The only possible values in the binary field are 0 and 1. There are two possible values for x, two for y, and two for z so there are (2)(2)(2)= 8 possible values for x, y, and z:
0, 0, 0
0, 0, 1
0, 1, 0
0, 1, 1
1, 0, 0
1, 0, 1
1, 1, 0
1, 1, 1
0, 0, 1
Since your two equations have 4 unknowns, x, y, z, and w, there are 2(2)(2)(2)= 16 possible sets of values but you don't have to look explicitely at all 16.
Since x occurs in both equations, if x= 0, we have w+ z= 0 and y= 1. So we only have to solve w+ z= 0. There are 4 cases:
w= 0, z= 0. Then w+ z= 0+ 0= 0
w= 1, z= 0. Then w+ z= 1+ 0= 1
w= 0, z= 1. Then w+ z= 0+ 1= 1
w= 1, z= 1. Then w+ z= 1+ 1= 0.
Two solutions are x= 0, y= 1, z= 0, w= 0 and x= 0, y= 1, z= 1, w= 1.

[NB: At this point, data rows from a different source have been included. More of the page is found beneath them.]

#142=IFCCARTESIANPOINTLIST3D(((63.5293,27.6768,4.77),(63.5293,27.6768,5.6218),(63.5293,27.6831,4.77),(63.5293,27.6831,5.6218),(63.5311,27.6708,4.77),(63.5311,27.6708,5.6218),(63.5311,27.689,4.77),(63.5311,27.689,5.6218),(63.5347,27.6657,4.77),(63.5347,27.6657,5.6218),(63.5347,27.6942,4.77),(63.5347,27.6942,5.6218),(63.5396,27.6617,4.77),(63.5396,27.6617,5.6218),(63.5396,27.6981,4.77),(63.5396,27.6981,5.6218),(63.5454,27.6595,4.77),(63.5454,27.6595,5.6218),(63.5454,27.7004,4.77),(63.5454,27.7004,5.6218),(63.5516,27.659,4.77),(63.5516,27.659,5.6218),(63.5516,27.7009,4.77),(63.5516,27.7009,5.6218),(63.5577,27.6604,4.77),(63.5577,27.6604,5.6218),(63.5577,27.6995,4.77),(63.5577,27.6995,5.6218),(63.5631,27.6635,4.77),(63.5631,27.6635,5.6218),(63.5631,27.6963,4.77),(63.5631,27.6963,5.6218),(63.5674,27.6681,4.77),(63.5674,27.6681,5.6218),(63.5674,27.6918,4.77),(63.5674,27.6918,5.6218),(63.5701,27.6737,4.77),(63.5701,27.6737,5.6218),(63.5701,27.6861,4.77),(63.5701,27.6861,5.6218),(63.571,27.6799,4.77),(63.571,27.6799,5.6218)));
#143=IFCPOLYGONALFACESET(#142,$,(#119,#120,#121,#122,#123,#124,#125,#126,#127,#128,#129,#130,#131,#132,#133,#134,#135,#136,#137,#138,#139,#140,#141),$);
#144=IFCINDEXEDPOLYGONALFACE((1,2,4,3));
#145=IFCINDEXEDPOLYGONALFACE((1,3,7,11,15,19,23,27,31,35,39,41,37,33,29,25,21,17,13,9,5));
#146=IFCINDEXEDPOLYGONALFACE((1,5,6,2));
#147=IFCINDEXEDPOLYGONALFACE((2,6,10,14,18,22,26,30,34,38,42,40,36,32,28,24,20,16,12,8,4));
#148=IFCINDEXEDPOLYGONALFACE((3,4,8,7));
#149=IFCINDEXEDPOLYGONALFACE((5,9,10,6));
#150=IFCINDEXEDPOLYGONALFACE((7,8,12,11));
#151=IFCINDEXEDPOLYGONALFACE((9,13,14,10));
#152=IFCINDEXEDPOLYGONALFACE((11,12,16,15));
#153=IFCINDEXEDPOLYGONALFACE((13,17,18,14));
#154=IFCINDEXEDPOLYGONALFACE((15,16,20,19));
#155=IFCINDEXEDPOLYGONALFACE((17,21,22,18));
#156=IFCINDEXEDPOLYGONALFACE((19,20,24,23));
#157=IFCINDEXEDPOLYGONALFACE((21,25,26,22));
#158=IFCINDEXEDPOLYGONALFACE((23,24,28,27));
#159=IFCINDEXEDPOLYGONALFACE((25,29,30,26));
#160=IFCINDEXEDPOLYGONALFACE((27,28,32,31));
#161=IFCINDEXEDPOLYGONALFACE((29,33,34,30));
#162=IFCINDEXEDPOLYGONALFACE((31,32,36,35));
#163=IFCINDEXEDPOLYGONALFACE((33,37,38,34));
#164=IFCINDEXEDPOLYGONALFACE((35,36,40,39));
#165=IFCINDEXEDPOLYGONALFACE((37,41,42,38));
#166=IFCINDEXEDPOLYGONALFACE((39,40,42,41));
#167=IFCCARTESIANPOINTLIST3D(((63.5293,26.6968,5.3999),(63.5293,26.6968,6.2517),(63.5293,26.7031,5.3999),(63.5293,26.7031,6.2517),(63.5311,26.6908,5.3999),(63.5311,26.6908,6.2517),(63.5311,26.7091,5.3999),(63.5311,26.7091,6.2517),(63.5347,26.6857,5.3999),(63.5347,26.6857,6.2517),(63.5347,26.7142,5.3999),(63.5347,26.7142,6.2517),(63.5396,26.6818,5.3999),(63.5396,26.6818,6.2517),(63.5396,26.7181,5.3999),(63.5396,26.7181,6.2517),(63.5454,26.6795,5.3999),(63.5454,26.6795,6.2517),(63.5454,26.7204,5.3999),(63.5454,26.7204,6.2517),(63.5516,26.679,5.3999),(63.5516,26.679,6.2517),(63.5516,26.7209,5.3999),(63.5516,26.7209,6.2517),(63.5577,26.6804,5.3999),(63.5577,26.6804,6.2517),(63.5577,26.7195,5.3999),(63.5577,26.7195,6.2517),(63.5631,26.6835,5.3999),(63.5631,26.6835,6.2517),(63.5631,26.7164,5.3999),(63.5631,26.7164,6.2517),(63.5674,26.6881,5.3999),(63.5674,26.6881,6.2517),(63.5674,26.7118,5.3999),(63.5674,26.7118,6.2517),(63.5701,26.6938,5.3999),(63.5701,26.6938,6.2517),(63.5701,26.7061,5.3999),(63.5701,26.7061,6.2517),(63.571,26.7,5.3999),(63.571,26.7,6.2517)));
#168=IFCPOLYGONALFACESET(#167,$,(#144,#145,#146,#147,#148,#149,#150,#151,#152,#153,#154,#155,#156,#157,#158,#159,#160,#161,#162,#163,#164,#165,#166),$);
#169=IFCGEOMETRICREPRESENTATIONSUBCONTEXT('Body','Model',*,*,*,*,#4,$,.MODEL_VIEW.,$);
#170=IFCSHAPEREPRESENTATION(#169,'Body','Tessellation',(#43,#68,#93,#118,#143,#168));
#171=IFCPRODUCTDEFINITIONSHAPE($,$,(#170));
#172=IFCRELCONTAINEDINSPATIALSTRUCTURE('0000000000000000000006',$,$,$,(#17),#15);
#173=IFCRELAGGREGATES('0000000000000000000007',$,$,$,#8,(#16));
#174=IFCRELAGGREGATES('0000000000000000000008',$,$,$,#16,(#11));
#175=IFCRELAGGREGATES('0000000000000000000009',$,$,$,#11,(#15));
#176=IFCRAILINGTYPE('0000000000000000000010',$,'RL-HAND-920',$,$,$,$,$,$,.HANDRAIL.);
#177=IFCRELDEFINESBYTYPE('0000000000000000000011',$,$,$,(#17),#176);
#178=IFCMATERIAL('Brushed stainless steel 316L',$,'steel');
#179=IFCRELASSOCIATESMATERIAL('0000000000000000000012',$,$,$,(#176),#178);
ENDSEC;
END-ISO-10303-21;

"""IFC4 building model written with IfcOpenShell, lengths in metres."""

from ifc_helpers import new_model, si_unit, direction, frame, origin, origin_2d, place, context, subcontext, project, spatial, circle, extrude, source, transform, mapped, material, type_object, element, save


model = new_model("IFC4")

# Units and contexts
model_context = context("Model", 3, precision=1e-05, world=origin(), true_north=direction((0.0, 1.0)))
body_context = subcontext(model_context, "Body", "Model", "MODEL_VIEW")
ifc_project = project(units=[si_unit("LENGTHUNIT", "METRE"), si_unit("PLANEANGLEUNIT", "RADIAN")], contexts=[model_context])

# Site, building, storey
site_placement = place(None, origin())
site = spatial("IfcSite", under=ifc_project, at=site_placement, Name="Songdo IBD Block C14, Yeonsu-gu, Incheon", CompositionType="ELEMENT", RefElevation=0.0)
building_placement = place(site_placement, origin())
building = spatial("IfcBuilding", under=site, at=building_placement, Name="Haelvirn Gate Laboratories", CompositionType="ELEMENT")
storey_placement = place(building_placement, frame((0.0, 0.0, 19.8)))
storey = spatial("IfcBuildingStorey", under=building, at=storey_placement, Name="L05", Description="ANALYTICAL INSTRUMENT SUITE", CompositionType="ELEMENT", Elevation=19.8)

If x= 1, then we have w+ 1+ z= 0 and 1+ y= 0. y= 1 is the same as y= "-1"= 1 and w+ 1+ z= 0 is the same as w+ z= "-1"= 1 ("-1" in this field is 1 because 1+ 1= 0).
w= 0, z= 1 and w= 1, z= 0 both give w+ z= 1 so we also have x=1, y= 1, z= 1, w= 0 and x= 1, y= 1, z= 0, w= 1 .
That gives a total of 4 distinct solutions.